The down firing chest light lit the reflective sectors of true front wheel. Interesting.

The back firing reverse headlight (Maglite) lit the tops of the inner thighs. worked better than the Red Zone 4s on ankled to show pedaling motion. Faded blue jeans were not the best if this was a goal.

The front right UV flashlight stopped working and the 'down the back' light was misaimed so it did not make the back of the vest show. Needed a look over by a helper to get it right.

I think the quartered front works better than the semicircle rear, but I was trying to ride slow to get clearer video in the low beam of the car. Faster riders might consider quarters on one wheel and semicircles on the other to get good motion at different speeds.

The NoriLight kit with lights costs less than the wider Dee Vee Glo tape from Rimskins. I don't know how well their tapes' brightness compares.


----------



## BrianMc (Jan 5, 2010)

BrianMc said:


> [VIDEOasily adapted to different wheels (though Rimskin will custom cut) might be available through NoriLights:


I ordered the basic kit on 12-11-13, (or in Canada 11-12-13). Hoped it was in time for Christmas. Heard nothing. E-mailed 1-3-14. Got a message received note back the same day that e-mail was received. Got a reply 1-6-14 that said an e-mail on the back order status was sent and apologies for my not receiving it, that they were working to fill orders speedily, they would make sure my e-mail was on the list for future updates etc. I sent another e-mail yesterday having not heard anything else for a month, as a reply to the 1-6-14 message. I expected a one day we received your message message, but got no response. Not confidence inspiring. If I hear nothing in another day (same time as for last real response), I will contact as a new contact through the web page, and see if anyone is at home.

Be aware that this is a new start-up. Difficulties in their supply system are par for the course. Being light on support staff, ditto (one man operation ). If you order, be prepared that it may take months to receive your order. The web page: Nori Lights - Bicycle Wheel Lights - Bike Illumination System is still there, so maybe I just fell through the cracks.


----------



## Stark (Apr 29, 2008)

I'm using the 3M sekuclip reflectors. They are light weight, easy to install and gives great visibility.


Peace!


----------



## mtbxplorer (Dec 25, 2009)

^^ Those are an eye catcher, Stark. Haven't seen those before. Are they plastic?
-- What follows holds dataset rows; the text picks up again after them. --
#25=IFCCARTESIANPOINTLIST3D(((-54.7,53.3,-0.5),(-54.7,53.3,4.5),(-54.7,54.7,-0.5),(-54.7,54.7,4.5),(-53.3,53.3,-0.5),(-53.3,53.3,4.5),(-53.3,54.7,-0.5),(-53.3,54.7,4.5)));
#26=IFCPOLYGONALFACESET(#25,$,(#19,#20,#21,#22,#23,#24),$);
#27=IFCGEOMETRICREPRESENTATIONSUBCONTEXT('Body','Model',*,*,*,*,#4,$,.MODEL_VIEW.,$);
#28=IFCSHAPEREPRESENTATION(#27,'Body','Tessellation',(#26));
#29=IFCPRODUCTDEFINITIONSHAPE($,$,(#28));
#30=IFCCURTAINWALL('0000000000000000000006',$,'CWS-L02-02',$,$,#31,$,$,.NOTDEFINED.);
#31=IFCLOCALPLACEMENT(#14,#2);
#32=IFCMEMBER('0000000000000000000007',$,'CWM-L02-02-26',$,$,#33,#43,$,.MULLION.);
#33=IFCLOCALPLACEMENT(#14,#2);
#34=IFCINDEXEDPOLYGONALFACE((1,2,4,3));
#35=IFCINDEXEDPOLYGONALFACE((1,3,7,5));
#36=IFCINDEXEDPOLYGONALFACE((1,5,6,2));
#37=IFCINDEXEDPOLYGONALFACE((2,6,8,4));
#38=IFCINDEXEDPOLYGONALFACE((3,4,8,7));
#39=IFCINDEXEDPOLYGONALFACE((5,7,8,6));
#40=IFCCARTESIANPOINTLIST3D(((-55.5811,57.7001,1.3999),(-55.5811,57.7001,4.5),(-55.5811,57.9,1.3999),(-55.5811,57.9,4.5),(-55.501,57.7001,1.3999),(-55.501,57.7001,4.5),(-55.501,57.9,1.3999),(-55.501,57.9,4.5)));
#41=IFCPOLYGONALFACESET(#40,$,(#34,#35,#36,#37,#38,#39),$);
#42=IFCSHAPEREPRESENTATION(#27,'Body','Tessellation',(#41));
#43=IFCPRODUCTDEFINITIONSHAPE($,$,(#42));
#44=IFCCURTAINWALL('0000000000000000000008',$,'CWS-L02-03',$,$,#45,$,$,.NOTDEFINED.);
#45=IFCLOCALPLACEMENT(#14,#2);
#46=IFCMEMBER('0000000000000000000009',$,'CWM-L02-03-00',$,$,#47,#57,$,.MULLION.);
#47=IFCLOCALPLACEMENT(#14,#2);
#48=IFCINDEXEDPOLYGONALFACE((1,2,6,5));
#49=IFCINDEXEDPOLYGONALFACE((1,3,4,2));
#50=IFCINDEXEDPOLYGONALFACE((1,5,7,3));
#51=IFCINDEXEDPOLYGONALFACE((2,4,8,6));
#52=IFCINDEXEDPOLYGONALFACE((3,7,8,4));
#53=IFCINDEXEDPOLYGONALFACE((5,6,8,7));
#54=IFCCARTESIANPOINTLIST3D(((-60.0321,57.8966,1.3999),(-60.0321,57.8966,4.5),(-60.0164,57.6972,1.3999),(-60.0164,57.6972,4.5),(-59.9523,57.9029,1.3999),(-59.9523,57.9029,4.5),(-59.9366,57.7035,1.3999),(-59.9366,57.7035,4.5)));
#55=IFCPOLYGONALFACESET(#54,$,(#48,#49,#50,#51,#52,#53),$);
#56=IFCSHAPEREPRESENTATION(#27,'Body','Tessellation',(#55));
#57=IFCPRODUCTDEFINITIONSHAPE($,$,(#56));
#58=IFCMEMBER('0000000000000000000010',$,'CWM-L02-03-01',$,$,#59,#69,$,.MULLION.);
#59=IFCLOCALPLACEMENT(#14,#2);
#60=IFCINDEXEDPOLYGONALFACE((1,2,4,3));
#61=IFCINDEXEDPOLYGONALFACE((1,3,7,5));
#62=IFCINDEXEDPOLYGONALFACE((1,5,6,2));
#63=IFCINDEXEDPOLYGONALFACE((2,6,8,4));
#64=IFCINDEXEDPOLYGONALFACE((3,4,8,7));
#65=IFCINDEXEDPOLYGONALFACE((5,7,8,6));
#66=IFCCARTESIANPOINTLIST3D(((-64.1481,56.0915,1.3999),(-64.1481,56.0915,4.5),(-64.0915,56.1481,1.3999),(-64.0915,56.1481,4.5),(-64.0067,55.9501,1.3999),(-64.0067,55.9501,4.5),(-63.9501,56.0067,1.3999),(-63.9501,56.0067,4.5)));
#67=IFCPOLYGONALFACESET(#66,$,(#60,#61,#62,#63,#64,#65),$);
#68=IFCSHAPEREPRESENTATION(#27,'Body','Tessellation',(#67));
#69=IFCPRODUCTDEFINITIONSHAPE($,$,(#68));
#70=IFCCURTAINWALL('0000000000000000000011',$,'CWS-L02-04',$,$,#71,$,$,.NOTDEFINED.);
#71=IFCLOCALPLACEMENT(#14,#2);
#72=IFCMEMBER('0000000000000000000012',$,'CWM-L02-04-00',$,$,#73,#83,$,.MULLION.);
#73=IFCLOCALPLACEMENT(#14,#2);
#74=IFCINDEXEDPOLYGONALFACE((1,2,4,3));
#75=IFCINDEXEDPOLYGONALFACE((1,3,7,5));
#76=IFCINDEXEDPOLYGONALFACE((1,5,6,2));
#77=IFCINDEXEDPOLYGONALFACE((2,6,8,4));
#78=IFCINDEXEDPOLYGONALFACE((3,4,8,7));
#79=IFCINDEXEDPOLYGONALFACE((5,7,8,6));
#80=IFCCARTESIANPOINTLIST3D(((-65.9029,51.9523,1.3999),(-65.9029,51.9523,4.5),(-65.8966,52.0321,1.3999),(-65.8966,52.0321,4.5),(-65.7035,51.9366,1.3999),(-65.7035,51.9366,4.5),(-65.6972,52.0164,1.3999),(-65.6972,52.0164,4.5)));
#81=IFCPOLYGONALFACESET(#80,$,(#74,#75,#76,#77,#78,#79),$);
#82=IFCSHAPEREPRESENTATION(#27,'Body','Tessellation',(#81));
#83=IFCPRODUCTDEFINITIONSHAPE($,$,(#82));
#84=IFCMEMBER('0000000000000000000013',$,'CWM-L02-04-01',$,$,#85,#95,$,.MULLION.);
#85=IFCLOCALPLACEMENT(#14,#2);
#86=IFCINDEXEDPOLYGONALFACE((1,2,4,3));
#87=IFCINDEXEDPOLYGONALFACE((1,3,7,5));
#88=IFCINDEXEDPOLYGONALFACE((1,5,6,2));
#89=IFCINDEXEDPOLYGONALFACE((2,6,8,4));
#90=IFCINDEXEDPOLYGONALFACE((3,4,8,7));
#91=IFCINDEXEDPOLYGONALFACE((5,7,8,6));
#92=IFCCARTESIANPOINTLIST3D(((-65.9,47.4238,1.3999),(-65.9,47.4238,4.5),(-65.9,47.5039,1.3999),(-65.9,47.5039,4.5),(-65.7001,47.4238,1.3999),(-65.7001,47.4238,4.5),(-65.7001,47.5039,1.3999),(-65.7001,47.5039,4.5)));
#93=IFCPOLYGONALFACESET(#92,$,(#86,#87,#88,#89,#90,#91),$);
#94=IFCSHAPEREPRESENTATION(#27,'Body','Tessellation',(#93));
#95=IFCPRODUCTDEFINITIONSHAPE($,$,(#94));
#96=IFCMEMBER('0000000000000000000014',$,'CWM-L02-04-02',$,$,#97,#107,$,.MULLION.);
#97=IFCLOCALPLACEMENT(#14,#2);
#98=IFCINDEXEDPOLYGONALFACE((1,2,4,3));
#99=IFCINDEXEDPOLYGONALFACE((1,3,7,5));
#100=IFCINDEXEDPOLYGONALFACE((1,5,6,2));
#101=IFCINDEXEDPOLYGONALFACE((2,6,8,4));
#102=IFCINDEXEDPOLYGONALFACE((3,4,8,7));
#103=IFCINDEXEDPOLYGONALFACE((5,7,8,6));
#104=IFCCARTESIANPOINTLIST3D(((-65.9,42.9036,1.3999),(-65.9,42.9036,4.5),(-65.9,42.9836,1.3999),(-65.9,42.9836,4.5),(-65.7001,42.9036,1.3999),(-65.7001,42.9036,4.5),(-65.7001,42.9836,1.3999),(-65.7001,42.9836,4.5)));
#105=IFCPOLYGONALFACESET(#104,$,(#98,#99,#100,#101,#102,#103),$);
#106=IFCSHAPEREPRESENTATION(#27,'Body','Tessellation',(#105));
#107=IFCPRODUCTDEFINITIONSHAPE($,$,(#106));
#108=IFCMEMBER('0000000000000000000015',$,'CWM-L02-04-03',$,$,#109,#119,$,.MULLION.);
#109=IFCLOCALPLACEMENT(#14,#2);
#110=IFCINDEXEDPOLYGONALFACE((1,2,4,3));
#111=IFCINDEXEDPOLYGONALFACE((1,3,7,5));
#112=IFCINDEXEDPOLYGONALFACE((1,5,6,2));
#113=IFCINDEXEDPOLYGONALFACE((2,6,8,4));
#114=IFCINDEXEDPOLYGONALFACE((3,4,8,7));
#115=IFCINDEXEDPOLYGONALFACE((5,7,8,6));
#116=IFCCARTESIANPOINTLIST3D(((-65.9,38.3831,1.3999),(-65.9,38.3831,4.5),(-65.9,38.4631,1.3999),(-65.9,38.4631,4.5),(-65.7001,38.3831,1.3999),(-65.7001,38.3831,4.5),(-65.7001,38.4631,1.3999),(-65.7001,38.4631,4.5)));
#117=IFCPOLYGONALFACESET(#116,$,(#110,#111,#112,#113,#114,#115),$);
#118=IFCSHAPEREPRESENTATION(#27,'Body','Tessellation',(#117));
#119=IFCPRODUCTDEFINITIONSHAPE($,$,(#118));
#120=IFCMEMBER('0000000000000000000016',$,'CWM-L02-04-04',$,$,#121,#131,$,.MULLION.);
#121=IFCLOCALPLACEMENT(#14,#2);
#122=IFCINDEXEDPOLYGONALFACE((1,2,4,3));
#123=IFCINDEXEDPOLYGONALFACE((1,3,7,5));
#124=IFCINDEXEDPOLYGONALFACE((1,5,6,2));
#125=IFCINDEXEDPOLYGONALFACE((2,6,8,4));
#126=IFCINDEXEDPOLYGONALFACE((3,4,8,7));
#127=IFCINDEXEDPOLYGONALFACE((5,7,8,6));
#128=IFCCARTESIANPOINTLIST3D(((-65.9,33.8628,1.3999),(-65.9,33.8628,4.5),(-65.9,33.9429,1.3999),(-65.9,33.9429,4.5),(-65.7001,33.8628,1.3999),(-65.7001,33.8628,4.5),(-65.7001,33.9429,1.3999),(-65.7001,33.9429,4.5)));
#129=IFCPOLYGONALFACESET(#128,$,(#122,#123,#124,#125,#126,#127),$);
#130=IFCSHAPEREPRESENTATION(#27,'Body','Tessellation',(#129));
BrianMc, hope you get your Nori's soon, the added light looks like a good feature.


----------



## TenSpeed (Feb 14, 2012)

Stark said:


> I'm using the 3M sekuclip reflectors. They are light weight, easy to install and gives great visibility.
> 
> Peace!


More information please.


----------



## Stark (Apr 29, 2008)

Yes, small cylinders with a slits for the spokes. The requirement are round spokes.

Google Översätt


----------



## TenSpeed (Feb 14, 2012)

Doesn't look like these are available in the US then. Very cool idea, a bit bulkier than I would like, but the idea is nice. Still thinking that I will go with the lightweights in black for the black spokes. Not a huge fan of looking like I am Mr. Safety.


----------



## Stark (Apr 29, 2008)

Ok. The Sekuclip looks like this in daylight:


----------



## Stark (Apr 29, 2008)

TenSpeed said:


> ...Not a huge fan of looking like I am Mr. Safety.
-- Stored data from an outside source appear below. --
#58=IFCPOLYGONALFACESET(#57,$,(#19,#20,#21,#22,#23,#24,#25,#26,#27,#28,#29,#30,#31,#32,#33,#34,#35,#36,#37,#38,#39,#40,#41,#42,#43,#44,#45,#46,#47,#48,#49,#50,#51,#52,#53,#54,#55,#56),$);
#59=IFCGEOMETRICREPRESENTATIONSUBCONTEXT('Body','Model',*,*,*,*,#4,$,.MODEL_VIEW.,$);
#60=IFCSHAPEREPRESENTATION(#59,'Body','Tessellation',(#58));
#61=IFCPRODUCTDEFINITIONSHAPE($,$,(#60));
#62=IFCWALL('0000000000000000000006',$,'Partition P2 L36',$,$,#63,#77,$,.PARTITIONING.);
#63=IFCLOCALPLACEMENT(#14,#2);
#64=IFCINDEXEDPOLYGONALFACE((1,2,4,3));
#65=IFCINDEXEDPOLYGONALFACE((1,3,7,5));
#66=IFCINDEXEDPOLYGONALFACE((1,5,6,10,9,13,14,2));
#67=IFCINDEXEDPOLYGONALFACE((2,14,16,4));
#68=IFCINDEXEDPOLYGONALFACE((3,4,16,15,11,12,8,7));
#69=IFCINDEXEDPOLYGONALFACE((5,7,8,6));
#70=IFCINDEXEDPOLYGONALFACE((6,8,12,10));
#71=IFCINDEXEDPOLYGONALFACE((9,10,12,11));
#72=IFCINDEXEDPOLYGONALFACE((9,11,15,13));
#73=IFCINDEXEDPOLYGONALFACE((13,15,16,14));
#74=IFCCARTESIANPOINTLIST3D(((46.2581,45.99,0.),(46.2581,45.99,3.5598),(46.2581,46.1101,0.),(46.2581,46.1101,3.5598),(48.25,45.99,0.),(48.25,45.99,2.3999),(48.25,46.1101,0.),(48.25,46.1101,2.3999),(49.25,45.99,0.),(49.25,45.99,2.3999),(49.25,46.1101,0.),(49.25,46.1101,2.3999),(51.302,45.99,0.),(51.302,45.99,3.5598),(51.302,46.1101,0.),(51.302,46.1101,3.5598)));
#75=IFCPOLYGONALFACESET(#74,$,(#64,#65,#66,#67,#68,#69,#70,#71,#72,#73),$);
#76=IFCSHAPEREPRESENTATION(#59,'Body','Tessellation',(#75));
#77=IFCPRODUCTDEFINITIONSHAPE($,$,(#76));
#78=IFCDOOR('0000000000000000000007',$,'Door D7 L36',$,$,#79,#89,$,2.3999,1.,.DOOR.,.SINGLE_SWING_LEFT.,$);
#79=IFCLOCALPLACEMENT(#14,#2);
I'm not thinking along those lines, because I'm using my bikes regardless of weather. Also here in the northen part of Sweden so are the period with dawn and dusk and weak light longer, I believe.
I also know how hard it can be to see a bike through the car windscreen when it's raining and the light is dim.

Peace


----------



## TenSpeed (Feb 14, 2012)

Stark said:


> I'm not thinking along those lines, because I'm using my bikes regardless of weather. Also here in the northen part of Sweden so are the period with dawn and dusk and weak light longer, I believe.
> I also know how hard it can be to see a bike through the car windscreen when it's raining and the light is dim.
> 
> Peace


Thanks for the picture. By looking like Mr. Safety, I meant covering my bike in reflective tape and wearing a bright green reflective vest. Nothing wrong with that, but that is not what I want to do. I am looking for a subdued look, with as much visibility as I can get.


----------



## Stark (Apr 29, 2008)

Ok, I understand your point. 
I'd rather use reflective elements on the bike low down so it can be seen by a car with half-light, than a reflective west. I do like to have some reflective elements on my helmet, though.


Peace


----------



## Texan-n-Fla (Sep 22, 2013)

That's why I like the lights on my helmet and bike. During the day, it looks like nothing, and if I don want them on, they don't have to be. But if I do, there they are.


----------



## BrianMc (Jan 5, 2010)

Update on Nori light order.

The reply to the e-mail sent by Nori in January got no response. The Web page gave me nothing by 404s for anything other than the home page. So I looked up the contact in the original funding page. No response. Last night the contract page was functioning on the web site and I got the automatic response this morning. At least the robot program aspect of the web site is functioning. I feel better. I was getting a bad feeling that I'd have to work with PayPal to get a refund. So I expect a 3 day delay until I hear from a person. Mostly this was to compare the Nori light system to the rimskins, so this is getting to be work.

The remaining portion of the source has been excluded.